2. Wash the oranges and slice them in half.
3. Divide them equally into the two large bowls.  Place the two large bowls of oranges next to two empty bowls on the game-play surface.
4. Pour 8 cups of water into each container and draw a thin line (or put a piece of tape) on the outside of the container -- aligned with the top of the fluid.
5. Empty and dry the containers. 

GAME PLAY RULES
1.  Ask all participants to wash and dry their hands carefully.
2. Divide your party into two teams: say, the Democrats and the Republicans. Or the Tea Party and the Orange Juice Party.
3.  Ask each team to send one de-seeder to the bowl of oranges.  Then turn on the timer for one minute as they race to remove seeds from the oranges.  After each orange is de-seeded, it should be tossed into that team's empty bowl.  De-seed carefully!  There will be penalties for seeds in the juice.
4.  Repeat the de-seeding four times with a different player each time, or stop sooner if all the oranges have been de-seeded.  Even if some oranges have not been de-seeded after four tries, then the game proceeds without further de-seeding.

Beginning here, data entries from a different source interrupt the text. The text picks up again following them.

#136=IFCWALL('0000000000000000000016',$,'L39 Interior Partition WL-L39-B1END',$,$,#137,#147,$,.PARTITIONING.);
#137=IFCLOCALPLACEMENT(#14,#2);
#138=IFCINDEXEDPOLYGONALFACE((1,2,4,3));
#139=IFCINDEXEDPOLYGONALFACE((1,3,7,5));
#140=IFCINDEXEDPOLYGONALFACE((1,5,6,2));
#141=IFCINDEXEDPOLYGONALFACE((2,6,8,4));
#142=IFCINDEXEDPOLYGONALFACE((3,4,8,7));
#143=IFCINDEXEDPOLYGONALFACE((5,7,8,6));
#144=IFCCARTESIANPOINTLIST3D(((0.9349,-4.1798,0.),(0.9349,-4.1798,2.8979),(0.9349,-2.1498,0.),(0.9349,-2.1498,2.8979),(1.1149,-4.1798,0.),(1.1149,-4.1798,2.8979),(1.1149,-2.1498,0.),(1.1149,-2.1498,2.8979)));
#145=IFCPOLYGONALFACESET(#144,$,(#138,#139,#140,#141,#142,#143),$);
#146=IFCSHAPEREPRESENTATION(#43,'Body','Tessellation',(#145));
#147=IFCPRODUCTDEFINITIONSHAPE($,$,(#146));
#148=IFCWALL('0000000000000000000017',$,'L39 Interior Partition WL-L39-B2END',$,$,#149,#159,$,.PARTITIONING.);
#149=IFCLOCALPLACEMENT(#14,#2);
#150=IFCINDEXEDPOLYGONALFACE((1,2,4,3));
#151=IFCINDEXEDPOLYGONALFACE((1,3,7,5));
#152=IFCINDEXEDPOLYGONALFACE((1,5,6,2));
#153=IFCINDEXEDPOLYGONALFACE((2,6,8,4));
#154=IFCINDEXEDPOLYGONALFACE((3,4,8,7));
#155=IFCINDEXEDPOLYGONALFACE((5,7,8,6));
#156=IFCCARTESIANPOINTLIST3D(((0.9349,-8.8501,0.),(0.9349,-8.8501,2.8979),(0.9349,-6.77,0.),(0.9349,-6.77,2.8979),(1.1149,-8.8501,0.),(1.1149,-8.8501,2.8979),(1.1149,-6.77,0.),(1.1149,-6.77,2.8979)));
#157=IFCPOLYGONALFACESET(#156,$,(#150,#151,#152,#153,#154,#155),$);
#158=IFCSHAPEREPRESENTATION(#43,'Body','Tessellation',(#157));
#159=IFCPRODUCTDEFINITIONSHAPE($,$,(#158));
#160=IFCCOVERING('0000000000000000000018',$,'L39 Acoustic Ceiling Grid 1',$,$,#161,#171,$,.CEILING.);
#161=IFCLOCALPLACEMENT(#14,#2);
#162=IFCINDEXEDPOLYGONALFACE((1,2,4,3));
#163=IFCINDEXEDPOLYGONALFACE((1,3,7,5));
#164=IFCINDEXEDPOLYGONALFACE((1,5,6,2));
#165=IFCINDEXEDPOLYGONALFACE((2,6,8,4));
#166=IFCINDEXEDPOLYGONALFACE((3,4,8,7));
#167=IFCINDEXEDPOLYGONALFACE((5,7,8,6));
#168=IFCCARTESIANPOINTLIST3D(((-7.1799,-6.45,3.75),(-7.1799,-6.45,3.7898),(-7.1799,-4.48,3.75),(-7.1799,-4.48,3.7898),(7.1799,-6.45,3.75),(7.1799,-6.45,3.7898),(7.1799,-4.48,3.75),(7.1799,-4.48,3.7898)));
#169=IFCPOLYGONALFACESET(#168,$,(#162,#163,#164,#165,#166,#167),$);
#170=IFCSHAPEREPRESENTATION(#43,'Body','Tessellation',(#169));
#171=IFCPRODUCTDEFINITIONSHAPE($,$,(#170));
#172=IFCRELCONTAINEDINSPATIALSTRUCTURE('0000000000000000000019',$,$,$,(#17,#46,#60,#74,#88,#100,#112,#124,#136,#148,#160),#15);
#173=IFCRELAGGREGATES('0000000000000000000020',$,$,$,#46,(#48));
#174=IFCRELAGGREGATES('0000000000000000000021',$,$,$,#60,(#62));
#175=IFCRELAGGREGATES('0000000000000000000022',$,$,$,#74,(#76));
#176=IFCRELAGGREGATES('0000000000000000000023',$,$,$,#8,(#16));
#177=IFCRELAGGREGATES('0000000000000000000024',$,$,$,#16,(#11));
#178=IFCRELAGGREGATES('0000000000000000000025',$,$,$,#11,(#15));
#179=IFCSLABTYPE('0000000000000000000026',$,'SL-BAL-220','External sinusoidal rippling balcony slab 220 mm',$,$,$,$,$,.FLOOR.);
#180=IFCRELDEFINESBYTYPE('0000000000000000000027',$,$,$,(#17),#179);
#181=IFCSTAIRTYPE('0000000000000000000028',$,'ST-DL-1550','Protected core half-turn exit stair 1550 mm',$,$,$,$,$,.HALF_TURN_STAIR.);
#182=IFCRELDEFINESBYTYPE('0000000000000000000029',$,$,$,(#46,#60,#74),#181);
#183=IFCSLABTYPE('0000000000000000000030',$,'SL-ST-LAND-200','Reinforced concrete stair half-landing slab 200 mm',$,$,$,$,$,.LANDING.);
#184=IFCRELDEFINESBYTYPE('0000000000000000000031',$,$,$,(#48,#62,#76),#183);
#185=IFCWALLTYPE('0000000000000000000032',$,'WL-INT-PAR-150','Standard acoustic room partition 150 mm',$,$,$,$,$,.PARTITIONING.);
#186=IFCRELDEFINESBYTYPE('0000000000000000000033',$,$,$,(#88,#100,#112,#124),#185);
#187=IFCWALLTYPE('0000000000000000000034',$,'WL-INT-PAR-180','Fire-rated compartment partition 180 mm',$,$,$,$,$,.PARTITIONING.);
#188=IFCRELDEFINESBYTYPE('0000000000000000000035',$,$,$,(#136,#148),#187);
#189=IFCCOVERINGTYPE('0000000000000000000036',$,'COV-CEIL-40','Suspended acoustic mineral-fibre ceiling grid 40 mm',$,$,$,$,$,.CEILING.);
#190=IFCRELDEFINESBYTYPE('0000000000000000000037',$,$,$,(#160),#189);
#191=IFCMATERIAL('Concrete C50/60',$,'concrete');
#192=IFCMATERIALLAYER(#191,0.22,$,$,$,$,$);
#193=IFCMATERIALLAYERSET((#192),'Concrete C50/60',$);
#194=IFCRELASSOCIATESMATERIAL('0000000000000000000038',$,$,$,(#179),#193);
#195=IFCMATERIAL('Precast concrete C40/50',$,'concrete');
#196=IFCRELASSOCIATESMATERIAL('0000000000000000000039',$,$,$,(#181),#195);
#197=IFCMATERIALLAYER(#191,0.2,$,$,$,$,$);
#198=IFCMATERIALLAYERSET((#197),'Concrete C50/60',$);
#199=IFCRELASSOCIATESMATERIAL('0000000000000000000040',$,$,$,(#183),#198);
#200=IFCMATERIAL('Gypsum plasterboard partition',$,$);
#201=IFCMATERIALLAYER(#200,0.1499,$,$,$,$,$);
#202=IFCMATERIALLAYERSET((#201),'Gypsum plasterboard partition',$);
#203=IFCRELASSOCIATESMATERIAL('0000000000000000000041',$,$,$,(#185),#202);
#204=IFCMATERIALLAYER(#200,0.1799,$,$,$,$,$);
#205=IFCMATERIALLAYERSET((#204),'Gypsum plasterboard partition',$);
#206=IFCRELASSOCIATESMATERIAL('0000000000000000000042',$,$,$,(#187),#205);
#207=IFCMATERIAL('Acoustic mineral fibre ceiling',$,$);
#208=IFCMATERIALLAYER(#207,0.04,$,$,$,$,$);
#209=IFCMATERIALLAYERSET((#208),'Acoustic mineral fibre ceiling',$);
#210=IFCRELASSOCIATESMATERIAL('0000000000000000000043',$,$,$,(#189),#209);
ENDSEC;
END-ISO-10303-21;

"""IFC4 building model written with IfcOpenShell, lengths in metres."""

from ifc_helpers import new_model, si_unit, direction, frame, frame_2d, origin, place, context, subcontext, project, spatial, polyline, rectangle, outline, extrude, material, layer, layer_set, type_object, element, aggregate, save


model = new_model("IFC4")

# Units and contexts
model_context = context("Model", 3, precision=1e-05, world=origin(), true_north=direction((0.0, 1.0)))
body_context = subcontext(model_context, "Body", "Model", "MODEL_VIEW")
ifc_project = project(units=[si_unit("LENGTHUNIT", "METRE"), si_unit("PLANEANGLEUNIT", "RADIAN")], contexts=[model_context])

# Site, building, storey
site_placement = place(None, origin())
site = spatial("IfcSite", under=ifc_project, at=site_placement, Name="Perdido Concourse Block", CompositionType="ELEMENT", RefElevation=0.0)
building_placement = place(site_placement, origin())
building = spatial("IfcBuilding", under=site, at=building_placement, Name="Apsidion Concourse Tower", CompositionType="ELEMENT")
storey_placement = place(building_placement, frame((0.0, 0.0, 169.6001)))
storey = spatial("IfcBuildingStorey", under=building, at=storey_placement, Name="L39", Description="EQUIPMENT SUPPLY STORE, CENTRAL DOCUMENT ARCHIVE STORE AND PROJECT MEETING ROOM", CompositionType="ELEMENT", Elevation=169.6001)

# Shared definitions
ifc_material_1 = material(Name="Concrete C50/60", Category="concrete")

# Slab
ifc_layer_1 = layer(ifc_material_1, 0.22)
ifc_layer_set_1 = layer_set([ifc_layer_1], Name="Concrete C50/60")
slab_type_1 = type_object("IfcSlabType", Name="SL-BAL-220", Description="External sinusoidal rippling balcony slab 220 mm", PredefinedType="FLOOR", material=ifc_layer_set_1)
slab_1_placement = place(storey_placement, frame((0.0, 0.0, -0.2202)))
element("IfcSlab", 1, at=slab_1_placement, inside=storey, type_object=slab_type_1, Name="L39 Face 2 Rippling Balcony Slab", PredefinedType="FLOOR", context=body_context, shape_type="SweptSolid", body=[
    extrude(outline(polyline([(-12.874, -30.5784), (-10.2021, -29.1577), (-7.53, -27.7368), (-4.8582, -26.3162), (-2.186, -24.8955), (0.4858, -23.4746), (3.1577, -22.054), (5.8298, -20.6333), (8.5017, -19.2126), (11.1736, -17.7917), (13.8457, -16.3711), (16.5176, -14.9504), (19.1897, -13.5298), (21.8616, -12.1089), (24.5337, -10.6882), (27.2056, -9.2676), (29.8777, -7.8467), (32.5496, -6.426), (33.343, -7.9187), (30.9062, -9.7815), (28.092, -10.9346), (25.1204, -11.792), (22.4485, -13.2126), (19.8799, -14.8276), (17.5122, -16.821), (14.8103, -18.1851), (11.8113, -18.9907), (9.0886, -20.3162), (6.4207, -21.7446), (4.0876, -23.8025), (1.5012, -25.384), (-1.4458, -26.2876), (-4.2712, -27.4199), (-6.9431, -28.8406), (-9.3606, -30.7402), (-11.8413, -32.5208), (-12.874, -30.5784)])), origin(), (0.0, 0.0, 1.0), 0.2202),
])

5.  Team members form a row and the timer is started.  Each team member has 1 minute to squeeze the oranges.  This can be done manually over the pitcher, or with an inexpensive plastic squeezer (twist the oranges on the squeezer, then pour the juice from the drainage area into the pitcher).  After one minute, each team member must stop, make way for the next squeezer, and move to the back of the line.
6.  Game ends when one of the teams fills fluid up to the line on the pitcher, or when one team uses up all of its oranges.
7.  As the impartial host, you count the seeds in each pitcher.  If one team has three more seeds than the other team, then they must pour 1/4 of a cup of juice out of their pitcher and into the measuring cup for each of the extra seeds.  That juice is then poured into the other team's pitcher.
8.  The team with the higher level of juice wins and revels in glory. At that point, the winning team gets to vote:  Do they drink all the juice, or let the other team keep their own pitcher?  Democracy in action!  Either way, it's bound to be juicier than what happens on the Senate floor.